A boat passing the colourful houses on Bristol harbourside
The colourful houses of Hotwells

I know from my own research that an early owner of the house captain Edmund Saunders  was involved in at least twenty slaving voyages and I have written a little bit  about the Bristol Slave trade before.  The Bristol slave trade. 

In fact he lived at number 11 and he let number 10 to another slave ship captain Joseph Smith. I think most Bristolians find this a very problematic heritage. It is true that much of Bristol’s wealth came from the profits of the triangular slave trade. The same traders whose boats carried slaves to America and the West Indies in terrible conditions also built alms houses for the poor and built a beautiful theatre for the city. Many Bristolians made their fortunes from making copper and brass goods for trade to Africa or from refining the sugar that was brought back from the West Indies.

Captain Saunders was himself an elder of the beautiful St. Mary Redcliffe church which is close by and I know there was a sugar house in Guinea Street.  The house has also revealed other secrets: The story of Martha Redcliffe a foundling  baby left on the doorstep of number 10 and Thomas a black servant who managed to run away.

The facade of St. Mary Redcliffe Church
St Mary Redcliffe Church

I am also hoping to learn more about the history of Bristol particularly about the part Bristolians played in the abolition of slavery. In the first programme I learnt that John Wesley, the founder of Methodism and an ardent abolitionist actually built one of his first chapels in Guinea Street and preached there himself. Unsurprisingly none of the residents of number 10 were listed in the membership records. That chapel has disappeared but you can visit his first chapel, the New Room in Broadmead  which has a small museum.

Update

I have just heard that the present owners have placed the house for sale on Rightmove with a guide price of £800,000 and the BBC have commissioned a fourth series of a house through time to be set in Leeds.

 

Author: Anne Fraser

Hi, I am Anne, I am a retired nurse from Bristol in South West England. I am married with five grown up children, four boys and a girl , a grandson and a cat. I like History, travel and reading. I hope to connect with other people with similar interests.

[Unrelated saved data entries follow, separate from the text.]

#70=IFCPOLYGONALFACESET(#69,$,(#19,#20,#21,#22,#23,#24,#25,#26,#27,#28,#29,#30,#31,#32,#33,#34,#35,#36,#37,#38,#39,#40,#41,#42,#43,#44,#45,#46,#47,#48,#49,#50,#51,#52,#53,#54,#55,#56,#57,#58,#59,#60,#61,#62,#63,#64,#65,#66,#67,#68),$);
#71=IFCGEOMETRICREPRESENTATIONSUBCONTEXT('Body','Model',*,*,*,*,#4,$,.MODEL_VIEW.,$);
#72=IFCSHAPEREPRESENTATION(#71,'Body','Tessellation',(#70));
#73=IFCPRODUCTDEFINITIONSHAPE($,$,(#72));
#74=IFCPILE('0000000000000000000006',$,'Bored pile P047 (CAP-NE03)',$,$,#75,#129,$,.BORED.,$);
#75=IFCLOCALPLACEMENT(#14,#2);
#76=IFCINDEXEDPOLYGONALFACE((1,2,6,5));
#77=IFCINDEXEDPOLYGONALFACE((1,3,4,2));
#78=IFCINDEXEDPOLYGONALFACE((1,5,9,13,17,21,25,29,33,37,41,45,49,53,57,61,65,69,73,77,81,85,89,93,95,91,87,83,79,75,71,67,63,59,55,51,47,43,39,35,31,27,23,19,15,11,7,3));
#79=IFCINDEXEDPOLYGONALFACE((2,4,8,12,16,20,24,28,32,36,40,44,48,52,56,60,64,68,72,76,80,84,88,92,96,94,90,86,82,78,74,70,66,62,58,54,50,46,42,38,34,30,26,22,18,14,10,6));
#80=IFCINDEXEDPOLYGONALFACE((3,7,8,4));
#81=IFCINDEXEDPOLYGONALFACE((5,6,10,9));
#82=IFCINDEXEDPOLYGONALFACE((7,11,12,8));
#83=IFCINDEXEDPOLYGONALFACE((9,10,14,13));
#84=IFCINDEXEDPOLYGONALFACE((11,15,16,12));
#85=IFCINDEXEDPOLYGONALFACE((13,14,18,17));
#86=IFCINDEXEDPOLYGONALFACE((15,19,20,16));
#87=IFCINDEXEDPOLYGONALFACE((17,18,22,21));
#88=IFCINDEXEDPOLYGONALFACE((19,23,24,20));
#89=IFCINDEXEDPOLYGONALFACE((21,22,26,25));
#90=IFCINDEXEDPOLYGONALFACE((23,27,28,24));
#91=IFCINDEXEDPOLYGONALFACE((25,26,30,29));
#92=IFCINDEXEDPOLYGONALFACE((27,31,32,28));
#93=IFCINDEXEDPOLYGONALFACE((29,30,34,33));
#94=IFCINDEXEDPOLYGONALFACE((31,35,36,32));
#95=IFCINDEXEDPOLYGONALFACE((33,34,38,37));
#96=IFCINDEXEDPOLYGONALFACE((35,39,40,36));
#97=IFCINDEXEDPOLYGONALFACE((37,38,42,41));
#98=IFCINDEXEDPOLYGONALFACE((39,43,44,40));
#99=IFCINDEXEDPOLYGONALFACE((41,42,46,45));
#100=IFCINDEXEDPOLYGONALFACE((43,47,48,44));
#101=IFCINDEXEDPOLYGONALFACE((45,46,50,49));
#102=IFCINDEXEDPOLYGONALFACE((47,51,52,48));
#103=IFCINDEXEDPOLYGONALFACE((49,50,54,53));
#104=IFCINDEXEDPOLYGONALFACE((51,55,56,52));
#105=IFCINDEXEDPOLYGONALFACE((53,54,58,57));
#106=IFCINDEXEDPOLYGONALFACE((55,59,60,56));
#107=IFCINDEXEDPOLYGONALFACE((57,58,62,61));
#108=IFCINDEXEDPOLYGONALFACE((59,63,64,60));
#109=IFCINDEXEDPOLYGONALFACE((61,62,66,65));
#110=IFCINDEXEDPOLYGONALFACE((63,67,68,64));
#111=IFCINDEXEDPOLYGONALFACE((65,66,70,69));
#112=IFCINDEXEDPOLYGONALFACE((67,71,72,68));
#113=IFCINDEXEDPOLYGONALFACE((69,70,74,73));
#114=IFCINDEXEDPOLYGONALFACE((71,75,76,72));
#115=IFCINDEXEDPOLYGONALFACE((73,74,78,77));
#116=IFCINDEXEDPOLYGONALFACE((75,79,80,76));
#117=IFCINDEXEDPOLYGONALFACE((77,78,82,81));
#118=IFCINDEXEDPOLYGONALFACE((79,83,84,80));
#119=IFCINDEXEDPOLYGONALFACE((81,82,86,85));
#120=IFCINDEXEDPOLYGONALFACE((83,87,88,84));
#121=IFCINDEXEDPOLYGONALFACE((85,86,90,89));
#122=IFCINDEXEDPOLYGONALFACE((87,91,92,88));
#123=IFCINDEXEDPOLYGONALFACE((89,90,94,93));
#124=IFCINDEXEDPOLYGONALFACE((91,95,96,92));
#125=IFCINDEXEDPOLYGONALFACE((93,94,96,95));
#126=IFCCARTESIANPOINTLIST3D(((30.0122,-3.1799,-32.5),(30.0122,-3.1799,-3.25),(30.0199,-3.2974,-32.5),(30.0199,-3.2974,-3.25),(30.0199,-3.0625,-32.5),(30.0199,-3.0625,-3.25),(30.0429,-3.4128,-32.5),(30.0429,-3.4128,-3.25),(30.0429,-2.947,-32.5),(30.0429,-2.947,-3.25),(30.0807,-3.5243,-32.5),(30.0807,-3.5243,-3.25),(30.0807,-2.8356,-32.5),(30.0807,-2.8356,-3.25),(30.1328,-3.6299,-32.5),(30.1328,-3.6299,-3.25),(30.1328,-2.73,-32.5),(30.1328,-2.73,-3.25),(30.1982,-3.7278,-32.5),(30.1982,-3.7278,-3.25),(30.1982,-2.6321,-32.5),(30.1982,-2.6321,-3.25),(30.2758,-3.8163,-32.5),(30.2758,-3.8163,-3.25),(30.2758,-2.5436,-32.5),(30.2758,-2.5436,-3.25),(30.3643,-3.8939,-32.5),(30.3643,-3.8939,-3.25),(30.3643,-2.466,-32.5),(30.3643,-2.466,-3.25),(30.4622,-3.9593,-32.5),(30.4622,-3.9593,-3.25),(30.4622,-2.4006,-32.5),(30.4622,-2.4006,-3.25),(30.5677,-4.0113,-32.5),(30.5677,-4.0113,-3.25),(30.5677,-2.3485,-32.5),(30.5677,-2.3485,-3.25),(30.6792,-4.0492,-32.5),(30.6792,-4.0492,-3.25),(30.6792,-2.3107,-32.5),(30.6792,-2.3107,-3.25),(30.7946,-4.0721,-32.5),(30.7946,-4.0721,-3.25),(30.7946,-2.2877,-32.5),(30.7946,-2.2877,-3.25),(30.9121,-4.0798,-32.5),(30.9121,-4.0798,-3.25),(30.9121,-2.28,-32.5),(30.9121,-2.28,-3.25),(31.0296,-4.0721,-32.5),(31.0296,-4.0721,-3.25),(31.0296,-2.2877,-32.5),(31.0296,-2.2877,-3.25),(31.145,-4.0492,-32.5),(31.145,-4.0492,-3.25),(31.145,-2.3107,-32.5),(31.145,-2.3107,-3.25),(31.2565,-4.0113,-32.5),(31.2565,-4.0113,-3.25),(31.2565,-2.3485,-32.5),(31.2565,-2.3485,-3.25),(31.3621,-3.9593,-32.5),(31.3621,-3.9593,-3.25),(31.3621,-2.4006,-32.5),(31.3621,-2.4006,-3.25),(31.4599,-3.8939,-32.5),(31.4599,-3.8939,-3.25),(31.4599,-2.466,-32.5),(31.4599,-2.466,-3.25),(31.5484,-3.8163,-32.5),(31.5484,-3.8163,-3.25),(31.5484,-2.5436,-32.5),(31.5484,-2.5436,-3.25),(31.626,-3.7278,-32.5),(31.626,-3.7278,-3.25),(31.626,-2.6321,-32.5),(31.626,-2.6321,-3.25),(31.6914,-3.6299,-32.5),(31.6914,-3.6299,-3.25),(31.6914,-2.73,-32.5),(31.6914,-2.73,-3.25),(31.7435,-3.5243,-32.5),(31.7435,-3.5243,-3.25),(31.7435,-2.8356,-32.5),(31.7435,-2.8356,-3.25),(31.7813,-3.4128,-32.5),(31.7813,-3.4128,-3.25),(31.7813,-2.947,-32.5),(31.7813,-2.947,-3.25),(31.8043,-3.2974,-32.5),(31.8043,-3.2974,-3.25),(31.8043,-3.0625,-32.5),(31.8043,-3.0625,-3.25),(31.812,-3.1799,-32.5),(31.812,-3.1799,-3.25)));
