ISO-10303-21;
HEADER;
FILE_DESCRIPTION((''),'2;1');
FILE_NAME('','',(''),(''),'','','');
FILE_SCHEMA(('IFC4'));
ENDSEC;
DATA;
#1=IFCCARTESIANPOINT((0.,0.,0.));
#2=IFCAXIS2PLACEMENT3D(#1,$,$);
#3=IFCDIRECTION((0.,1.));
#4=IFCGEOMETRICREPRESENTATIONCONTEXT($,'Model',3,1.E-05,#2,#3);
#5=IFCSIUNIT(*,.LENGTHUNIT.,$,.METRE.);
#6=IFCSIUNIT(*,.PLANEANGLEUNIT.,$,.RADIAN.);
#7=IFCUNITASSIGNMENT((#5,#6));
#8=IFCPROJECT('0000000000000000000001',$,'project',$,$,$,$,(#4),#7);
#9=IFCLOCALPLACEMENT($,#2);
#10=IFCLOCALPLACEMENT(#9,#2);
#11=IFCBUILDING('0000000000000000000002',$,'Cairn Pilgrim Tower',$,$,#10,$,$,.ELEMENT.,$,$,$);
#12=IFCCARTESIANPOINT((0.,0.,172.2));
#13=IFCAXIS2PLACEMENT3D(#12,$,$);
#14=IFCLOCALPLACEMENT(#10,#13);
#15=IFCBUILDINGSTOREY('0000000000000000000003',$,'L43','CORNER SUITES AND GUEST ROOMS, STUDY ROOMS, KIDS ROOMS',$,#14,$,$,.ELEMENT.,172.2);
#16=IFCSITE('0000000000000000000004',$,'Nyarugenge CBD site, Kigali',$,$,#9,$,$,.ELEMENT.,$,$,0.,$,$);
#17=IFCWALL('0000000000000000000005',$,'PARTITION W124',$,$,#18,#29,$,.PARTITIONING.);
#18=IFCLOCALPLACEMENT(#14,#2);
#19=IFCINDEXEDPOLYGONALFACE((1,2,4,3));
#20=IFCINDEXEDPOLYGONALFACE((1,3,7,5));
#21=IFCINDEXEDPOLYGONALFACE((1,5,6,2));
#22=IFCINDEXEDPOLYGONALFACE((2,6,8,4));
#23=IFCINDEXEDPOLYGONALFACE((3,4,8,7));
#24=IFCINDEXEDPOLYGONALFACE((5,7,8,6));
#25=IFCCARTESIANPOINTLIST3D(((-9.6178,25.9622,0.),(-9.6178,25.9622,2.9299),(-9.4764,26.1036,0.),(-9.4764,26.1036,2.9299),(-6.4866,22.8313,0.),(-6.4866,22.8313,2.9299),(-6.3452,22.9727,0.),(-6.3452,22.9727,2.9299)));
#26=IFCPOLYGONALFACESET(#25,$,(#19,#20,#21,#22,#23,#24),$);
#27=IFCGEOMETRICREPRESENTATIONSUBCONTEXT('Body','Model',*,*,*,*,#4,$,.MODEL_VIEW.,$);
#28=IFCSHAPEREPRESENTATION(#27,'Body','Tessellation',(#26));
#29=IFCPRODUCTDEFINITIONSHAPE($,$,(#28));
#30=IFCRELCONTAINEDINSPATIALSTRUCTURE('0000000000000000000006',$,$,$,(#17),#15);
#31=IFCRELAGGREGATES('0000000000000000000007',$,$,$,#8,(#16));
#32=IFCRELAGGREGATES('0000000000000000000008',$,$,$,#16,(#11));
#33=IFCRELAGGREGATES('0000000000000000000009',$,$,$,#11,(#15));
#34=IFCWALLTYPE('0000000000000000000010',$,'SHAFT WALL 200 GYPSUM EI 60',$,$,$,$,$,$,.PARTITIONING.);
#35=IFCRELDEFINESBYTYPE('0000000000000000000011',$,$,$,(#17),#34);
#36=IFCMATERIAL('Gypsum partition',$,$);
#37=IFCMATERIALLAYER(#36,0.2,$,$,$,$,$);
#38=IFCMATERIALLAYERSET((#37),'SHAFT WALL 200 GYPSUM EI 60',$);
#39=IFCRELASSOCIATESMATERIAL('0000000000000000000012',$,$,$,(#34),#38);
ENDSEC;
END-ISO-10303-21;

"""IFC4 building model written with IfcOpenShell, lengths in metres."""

from ifc_helpers import new_model, si_unit, direction, frame, frame_2d, origin, place, context, subcontext, project, spatial, rectangle, extrude, material, layer, layer_set, type_object, element, save


model = new_model("IFC4")

# Units and contexts
model_context = context("Model", 3, precision=1e-05, world=origin(), true_north=direction((0.0, 1.0)))
body_context = subcontext(model_context, "Body", "Model", "MODEL_VIEW")
ifc_project = project(units=[si_unit("LENGTHUNIT", "METRE"), si_unit("PLANEANGLEUNIT", "RADIAN")], contexts=[model_context])

# Site, building, storey
site_placement = place(None, origin())
site = spatial("IfcSite", under=ifc_project, at=site_placement, Name="Nyarugenge CBD site, Kigali", CompositionType="ELEMENT", RefElevation=0.0)
building_placement = place(site_placement, origin())
building = spatial("IfcBuilding", under=site, at=building_placement, Name="Cairn Pilgrim Tower", CompositionType="ELEMENT")
storey_placement = place(building_placement, frame((0.0, 0.0, 172.2)))
storey = spatial("IfcBuildingStorey", under=building, at=storey_placement, Name="L43", Description="CORNER SUITES AND GUEST ROOMS, STUDY ROOMS, KIDS ROOMS", CompositionType="ELEMENT", Elevation=172.2)

# Shared definitions
ifc_material_1 = material(Name="Gypsum partition")

# Wall
ifc_layer_1 = layer(ifc_material_1, 0.2)
ifc_layer_set_1 = layer_set([ifc_layer_1], Name="SHAFT WALL 200 GYPSUM EI 60")
wall_type_1 = type_object("IfcWallType", Name="SHAFT WALL 200 GYPSUM EI 60", PredefinedType="PARTITIONING", material=ifc_layer_set_1)
wall_1_placement = place(storey_placement, frame((-6.416, 22.9021, 0.0), z_axis=(0.0, 0.0, 1.0), x_axis=(-0.707134, 0.707079, 0.0)))
element("IfcWall", 1, at=wall_1_placement, inside=storey, type_object=wall_type_1, Name="PARTITION W124", PredefinedType="PARTITIONING", context=body_context, shape_type="SweptSolid", body=[
    extrude(rectangle(XDim=4.428, YDim=0.2, at=frame_2d((2.2139, 0.0))), origin(), (0.0, 0.0, 1.0), 2.9299),
])

save(model, "model.ifc")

12 thoughts on “A house through time series 3 Guinea Street Bristol”

  1. Hi Anne – it sounds like an interesting series – although more so for those in the UK than for the rest of us. I’m glad it inspired you to do some extra research and to find a history that pre-dates a lot of Australian history (we’re a very young country). Thanks for linking up with us at MLSTL (but please keep the guidelines in mind when you choose a “lifestyle” post to share) and I’ve shared this on my SM 🙂

  2. Its funny that I read this post today as last night I watched an episode of not Antiques Roadshow but sort of like that where they visited Bristol and talked about the trading and the Bristol blue glass. And then this morning I read this. It’s like my new cookbook Oats In The North where the dedication is an acknowledgement that most of the cakes, gingerbreads & biscuits in teh book wouldn’t have existed if not for sugar imports made possible due to slavery. “Sugar has a cost, and that cost was paid by those held in bondage.” #MLSTL

    1. A lot of antiques shows are made in Bristol. My daughter and her friend were on bargain hunt a few years ago. The early methodists refused to put sugar in their tea because of slavery.

  3. Hi Anne, I wonder whether we have access to this Series where I live. It looks very interesting. Fascinating about the links to slavery and like you say, accepting history. Also, as you mention, Anne, the owners have to let the T.V. Crew have access.